A sharp 10% fall in the consumption of kerosene across the country from April to August this year, combined with a policy to cut per litre subsidies by 25 paise per fortnight from July 2016 to April 2017, is perhaps the most sensible subsidy-reduction strategies followed by the government. Indeed, if a news report in The Economic Times is to be believed, the government may be looking at an even sharper cut, of as much as 5% per quarter. If that is achieved, it will make it one of the sharpest reductions ever seen in subsidies—and in case this is used to whip up sentiment against the subsidy cuts, it has to be kept in mind more than half the subsidies do not even reach the target population; to that extent, the government can cut kerosene supplies without affecting those who get subsidies. And, to the extent the stolen kerosene is used to adulterate petrol and diesel, eliminating this will also mean a substantial reduction in the levels of pollution in the country.

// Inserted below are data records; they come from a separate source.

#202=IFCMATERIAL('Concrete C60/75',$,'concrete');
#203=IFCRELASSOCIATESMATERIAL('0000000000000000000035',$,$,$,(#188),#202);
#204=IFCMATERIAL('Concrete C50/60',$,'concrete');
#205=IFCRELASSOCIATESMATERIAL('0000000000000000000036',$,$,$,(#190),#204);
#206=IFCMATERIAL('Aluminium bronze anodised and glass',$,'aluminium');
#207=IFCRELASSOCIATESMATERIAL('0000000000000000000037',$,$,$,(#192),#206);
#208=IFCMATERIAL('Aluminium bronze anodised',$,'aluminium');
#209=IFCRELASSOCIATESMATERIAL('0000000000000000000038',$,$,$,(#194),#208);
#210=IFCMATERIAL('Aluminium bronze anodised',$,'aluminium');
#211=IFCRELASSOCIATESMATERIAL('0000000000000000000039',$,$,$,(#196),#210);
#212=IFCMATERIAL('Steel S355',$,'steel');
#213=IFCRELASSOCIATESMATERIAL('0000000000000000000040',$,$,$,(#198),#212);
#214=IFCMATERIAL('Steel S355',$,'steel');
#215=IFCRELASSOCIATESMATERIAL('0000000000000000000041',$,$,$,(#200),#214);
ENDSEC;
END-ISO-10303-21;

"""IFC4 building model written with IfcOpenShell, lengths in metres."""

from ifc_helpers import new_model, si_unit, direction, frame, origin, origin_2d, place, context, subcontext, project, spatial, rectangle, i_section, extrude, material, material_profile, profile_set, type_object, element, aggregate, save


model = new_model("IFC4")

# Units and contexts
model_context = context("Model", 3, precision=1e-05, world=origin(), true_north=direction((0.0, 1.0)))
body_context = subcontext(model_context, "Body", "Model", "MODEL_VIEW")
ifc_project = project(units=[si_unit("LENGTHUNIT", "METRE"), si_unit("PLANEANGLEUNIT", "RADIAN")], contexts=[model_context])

Kerosene supplies, to give previous governments their due, have been cut quite sharply in the past as well, but this has been erratic and not part of a well thought out strategy. In FY11, kerosene supplies were cut from 9.3 million tonnes the previous year, representing a 4% cut; the very next year, supplies were reduced another 7.8% to 8.2 million tonnes. The year after, in FY13, the cuts were even more radical, around 8.8%, and this took kerosene supplies in that year to 7.5 million tonnes. Thereafter, however, the momentum seemed to have been lost, and while FY14 still saw a cut of 4.5% in volume terms, FY15 saw a mere 1.1%—there was a pickup to 3.7%, however, in FY17, signalling the BJP is finally getting together its subsidy-reduction strategy.

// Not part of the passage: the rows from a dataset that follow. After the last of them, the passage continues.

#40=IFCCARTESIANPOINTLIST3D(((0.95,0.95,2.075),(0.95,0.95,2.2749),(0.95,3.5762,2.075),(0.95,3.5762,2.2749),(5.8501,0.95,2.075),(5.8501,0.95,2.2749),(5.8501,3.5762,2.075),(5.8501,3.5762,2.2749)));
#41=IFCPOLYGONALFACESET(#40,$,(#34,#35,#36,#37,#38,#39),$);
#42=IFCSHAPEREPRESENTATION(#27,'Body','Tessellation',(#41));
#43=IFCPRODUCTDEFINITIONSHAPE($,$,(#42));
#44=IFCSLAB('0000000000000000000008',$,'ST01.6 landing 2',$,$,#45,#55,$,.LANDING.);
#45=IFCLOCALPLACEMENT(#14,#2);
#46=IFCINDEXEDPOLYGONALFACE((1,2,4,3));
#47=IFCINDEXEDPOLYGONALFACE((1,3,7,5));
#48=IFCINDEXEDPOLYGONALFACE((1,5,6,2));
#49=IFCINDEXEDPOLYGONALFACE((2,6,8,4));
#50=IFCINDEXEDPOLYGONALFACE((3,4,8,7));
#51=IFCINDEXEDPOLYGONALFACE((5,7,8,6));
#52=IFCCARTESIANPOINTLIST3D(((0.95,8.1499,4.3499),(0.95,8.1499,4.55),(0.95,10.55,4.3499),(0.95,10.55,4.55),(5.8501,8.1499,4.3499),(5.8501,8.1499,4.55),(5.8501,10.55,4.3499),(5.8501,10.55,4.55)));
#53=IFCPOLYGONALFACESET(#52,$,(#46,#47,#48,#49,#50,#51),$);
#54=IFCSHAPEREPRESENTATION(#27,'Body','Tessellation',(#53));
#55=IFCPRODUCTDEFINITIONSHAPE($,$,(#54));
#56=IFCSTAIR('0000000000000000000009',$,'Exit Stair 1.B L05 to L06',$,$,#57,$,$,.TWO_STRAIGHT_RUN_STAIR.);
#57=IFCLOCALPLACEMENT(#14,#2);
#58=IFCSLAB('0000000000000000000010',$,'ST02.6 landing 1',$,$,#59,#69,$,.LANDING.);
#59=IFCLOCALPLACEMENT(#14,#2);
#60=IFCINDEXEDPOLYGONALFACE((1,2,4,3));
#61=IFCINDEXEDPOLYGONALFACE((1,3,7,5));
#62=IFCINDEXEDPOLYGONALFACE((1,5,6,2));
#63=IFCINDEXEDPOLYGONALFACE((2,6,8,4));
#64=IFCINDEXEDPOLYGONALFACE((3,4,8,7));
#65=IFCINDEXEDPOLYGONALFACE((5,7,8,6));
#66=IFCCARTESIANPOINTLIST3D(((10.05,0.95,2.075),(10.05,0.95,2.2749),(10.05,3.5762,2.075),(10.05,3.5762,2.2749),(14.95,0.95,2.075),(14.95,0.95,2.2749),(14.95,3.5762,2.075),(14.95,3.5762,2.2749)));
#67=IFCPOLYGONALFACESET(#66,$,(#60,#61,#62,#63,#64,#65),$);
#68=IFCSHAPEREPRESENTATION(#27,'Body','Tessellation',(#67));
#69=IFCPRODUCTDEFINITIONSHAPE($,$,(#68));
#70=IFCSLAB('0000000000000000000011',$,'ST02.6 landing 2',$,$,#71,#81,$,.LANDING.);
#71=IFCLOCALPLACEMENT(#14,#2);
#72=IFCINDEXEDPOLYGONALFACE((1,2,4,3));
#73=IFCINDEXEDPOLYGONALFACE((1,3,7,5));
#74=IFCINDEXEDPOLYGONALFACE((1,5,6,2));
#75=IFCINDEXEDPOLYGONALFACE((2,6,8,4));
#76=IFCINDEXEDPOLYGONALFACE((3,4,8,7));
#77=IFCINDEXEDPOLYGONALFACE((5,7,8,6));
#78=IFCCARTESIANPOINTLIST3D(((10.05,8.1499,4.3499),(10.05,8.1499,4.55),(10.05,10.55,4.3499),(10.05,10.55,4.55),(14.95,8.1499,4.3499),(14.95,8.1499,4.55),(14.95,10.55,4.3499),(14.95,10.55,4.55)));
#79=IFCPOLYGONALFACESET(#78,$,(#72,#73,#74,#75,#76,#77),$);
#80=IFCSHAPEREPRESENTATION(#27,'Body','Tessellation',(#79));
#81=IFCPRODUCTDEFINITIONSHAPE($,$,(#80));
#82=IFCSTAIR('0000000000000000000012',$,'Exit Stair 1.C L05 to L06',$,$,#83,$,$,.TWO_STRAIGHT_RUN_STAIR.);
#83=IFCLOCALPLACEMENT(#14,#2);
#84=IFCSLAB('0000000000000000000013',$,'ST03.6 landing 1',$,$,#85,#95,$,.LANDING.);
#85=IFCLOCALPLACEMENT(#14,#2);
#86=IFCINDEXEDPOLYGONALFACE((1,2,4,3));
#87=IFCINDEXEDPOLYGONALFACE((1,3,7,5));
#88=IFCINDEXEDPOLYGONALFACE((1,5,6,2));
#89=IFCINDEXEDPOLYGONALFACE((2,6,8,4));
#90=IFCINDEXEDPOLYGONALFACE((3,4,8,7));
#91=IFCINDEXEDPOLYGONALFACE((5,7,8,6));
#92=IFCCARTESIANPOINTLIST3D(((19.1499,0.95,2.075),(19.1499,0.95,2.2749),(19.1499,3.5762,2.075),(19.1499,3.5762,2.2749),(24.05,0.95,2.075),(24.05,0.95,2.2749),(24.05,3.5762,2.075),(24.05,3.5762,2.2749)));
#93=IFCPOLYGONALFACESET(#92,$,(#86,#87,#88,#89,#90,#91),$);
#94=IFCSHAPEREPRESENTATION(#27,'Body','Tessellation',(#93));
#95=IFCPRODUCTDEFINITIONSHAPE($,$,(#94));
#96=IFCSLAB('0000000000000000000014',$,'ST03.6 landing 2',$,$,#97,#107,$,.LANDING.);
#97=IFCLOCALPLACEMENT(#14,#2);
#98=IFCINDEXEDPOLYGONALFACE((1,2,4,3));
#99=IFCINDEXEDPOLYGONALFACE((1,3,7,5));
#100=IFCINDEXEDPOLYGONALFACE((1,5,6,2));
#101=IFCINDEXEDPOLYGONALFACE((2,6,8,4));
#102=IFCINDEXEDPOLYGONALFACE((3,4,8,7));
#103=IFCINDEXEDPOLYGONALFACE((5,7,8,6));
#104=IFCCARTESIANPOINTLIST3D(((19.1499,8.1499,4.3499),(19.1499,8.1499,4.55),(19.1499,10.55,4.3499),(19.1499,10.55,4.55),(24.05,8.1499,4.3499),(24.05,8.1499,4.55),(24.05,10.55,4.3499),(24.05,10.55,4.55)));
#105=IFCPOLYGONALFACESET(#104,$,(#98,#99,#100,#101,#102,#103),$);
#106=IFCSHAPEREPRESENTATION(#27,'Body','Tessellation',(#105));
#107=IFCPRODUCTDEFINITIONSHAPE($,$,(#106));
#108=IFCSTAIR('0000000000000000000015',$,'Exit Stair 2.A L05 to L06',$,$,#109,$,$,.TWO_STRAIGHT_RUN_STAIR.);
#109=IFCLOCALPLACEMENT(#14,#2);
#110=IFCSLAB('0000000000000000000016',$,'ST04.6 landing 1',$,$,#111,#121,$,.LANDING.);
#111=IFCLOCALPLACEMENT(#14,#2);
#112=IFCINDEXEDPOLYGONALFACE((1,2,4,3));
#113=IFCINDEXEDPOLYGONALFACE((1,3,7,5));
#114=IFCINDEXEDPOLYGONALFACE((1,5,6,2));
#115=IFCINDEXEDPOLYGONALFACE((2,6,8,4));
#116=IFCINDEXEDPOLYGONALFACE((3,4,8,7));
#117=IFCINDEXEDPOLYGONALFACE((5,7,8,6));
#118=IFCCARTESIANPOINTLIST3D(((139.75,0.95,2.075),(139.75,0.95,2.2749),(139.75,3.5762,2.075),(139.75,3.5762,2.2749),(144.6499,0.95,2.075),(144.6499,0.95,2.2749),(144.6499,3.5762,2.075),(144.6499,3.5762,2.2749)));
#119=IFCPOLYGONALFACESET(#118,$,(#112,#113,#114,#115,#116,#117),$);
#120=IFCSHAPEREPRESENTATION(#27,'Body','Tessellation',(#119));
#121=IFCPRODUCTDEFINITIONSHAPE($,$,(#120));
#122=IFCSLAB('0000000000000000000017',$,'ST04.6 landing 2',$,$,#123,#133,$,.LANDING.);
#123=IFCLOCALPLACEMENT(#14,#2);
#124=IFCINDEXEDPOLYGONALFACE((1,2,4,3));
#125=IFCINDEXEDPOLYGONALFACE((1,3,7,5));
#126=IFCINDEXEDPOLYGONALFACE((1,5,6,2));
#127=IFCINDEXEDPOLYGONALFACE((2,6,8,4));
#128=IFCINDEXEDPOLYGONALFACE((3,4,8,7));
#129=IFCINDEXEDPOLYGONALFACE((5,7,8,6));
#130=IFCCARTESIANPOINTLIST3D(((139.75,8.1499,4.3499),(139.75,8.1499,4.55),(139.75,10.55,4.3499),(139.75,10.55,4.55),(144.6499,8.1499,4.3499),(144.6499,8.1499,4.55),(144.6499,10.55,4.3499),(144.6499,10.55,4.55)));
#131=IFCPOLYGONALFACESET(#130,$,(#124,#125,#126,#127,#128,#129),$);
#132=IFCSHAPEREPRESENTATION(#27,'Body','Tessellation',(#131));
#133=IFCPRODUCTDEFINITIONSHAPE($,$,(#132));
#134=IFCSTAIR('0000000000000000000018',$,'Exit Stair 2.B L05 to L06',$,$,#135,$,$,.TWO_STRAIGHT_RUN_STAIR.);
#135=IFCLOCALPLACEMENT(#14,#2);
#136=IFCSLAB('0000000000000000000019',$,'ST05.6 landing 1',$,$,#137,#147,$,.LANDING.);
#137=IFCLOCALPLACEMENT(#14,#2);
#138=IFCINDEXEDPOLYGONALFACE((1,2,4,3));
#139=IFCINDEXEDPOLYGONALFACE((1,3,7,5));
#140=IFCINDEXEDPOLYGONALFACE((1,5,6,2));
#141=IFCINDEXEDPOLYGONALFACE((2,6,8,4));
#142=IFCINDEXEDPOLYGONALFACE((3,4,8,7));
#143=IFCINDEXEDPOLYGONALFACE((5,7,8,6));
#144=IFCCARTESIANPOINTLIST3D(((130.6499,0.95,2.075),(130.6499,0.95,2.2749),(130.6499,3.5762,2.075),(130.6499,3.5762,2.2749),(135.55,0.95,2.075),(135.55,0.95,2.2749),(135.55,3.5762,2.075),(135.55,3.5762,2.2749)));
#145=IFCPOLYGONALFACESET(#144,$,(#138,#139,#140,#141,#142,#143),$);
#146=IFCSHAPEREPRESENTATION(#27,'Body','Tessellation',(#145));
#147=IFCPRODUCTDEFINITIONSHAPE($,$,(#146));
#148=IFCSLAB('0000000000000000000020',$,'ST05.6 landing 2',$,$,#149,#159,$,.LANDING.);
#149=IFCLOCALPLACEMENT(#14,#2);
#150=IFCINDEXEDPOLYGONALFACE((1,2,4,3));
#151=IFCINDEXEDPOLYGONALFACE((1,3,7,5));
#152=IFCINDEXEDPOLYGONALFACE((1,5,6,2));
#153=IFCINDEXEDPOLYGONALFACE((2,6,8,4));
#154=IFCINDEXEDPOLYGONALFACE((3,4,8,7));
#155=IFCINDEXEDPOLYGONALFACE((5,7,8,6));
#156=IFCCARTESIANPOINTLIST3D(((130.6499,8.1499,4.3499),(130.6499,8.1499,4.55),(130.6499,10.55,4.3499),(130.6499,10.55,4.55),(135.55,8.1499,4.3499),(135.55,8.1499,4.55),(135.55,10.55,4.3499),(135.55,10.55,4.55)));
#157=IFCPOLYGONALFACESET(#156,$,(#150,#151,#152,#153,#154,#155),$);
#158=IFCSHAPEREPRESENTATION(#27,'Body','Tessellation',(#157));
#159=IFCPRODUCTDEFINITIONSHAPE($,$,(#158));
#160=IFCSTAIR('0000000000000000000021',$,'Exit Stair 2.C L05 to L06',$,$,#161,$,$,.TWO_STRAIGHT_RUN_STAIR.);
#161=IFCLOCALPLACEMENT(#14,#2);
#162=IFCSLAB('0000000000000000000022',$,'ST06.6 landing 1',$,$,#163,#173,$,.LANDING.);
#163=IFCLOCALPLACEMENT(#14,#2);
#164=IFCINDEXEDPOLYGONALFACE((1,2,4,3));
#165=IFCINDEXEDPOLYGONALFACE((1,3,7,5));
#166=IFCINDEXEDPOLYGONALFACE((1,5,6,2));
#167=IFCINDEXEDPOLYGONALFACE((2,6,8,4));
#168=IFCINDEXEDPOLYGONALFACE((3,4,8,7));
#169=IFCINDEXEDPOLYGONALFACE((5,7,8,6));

The government’s success in LPG has been stupendous with over 4.5 crore people being moved off the list of subscribers through a process of linking the LPG database with Aadhaar numbers—this cut around 3 crore duplicate users from the list—and the prime minister’s well-publicised #GiveItUp campaign. But it cannot be denied that doing this is easier when there are just three government-owned public sector units that are distributing LPG across the country—when kerosene is distributed across state-government-run ration shops on the basis of lists provided by the states, the task is that much more complicated. This is where the government’s strategy of working with the state governments appears to be paying off. Petroleum minister Dharmendra Pradhan has explained to the states that, with 50% of PDS kerosene being used to adulterate petrol/diesel, they are losing out on Rs 3,500-4,000 crore of annual VAT revenues on these two fuels. As a result, it is the state governments that are pruning the list of beneficiaries that is allowing the centre to reduce its kerosene supplies. If, for the sake of argument, the government is able to reduce the supply of kerosene by 20%—based on the 5% per quarter target—based on this year’s likely subsidy, that will add to around Rs 2,000 crore of savings. Since cutting the subsidy by Rs 3 per litre (on average for the year) will also give a similar saving, the twin-pronged attack is well conceived.